By Joni S. Mantell, LCSW
5 Key Steps for Parents – Prepare yourself to talk with your child about adoption
- Claim your child and feel entitled to parent your child
- Emotionally accept that your child has an interest in his birth history.
- Learn about the ages and stages in children’s understanding of adoption
- Get comfortable talking about adoption with your child
- Always remember that your child is curious about himself, not looking for other parents.
5 Key Tools for Parents – To talk to your child about adoption and other complex personal or social topics
- Go slowly, share bits & pieces of information as your child develops.
- Clarify children’s questions before you answer them.
- Sometimes parents need to initiate adoption topics once they understand:
• Normative adoption issues that occur at the different ages and stages of cognitive and emotional development.
• Which issues are harder for children to articulate - Work on your own issues first because your child will pick up your tone, what topics you focus on and which topics you avoid. Emotional validation and your tone are more important to your child than facts.
Make the family the safe place to talk.

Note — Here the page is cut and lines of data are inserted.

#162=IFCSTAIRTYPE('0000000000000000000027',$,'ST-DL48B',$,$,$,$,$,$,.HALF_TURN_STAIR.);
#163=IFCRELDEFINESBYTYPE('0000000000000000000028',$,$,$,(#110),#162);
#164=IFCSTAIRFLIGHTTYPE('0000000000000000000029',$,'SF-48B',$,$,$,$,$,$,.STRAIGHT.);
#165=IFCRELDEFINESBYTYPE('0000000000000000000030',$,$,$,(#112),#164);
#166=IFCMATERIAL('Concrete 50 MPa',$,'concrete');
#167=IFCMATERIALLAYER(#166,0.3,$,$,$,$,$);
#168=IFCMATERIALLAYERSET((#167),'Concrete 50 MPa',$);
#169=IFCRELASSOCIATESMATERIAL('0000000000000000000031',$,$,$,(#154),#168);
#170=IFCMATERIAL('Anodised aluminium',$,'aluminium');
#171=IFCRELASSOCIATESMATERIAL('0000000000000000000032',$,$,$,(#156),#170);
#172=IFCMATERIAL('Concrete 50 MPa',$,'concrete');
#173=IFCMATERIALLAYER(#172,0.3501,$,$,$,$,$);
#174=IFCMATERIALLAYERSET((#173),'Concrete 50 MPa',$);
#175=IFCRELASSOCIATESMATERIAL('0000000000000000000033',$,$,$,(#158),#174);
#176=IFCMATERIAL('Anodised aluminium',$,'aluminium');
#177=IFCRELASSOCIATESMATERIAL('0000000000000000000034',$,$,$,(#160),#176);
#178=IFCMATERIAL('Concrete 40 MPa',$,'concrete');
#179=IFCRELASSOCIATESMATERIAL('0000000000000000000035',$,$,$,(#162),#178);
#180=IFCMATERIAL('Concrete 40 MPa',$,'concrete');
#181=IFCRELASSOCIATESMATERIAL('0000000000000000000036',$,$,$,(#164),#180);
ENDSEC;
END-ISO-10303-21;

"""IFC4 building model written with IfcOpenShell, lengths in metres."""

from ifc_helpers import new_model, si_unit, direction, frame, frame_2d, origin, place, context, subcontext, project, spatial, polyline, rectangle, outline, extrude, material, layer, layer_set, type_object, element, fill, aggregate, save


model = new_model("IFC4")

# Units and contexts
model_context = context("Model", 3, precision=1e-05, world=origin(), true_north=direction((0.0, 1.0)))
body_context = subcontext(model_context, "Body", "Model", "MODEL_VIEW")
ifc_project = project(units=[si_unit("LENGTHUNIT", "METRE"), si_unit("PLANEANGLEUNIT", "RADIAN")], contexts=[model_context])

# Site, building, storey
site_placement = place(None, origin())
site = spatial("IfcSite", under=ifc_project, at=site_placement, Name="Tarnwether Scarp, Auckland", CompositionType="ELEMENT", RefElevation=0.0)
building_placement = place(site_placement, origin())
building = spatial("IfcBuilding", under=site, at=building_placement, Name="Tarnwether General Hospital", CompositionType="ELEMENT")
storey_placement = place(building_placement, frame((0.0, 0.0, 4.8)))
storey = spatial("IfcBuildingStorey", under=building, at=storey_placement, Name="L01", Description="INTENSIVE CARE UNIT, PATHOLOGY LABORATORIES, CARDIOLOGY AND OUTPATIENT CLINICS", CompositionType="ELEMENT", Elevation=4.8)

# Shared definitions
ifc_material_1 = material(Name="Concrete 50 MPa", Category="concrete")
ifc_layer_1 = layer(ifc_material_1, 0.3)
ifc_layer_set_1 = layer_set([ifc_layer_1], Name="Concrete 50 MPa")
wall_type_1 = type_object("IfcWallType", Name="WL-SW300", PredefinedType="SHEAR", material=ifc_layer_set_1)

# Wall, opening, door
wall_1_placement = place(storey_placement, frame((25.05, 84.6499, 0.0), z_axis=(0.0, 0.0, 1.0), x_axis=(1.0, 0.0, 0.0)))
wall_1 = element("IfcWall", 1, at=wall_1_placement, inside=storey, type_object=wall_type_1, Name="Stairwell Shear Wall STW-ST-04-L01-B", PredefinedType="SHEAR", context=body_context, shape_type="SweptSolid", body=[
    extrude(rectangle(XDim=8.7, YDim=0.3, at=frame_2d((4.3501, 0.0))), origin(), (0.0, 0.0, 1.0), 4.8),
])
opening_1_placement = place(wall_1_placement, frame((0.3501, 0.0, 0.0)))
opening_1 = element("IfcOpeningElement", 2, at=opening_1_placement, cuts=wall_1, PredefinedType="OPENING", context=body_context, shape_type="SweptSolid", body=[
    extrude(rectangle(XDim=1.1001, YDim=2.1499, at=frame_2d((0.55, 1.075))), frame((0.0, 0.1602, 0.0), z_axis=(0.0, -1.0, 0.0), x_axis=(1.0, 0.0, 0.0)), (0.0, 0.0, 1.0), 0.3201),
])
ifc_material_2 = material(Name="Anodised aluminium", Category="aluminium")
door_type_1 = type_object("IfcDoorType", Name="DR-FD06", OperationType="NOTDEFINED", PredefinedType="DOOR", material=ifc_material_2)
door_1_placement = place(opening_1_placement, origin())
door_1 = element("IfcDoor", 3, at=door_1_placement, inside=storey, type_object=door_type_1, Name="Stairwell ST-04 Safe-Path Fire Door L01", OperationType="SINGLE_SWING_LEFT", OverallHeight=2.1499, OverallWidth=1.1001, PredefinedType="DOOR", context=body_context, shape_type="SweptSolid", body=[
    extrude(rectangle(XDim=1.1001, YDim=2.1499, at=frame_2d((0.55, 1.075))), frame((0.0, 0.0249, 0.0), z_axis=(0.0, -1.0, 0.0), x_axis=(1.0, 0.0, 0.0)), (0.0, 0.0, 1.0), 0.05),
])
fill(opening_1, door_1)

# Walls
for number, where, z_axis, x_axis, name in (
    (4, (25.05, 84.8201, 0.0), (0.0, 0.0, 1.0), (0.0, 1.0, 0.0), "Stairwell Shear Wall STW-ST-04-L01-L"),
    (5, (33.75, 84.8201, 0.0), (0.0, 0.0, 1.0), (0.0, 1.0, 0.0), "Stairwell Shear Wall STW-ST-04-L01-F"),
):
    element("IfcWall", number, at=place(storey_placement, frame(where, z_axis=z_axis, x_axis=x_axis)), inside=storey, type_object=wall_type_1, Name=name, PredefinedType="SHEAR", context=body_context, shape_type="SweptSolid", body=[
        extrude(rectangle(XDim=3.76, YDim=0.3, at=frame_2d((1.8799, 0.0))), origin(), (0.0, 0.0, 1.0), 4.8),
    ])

If you can create a safe, open, empathic family
atmosphere in which adoption issues can be discussed, your child will feel its OK to talk to
you about adoption (and lots of other issues) throughout his or her life.
Laying an early foundation with language, emotional comfort and communication will serve
you and your child when and if you have more difficult information to share; or your child
experiences some difficult emotions.
Talking about adoption boosts self-confidence and is a wonderful way to teach your child
about intimacy, good relationships and the joy of being curious in life.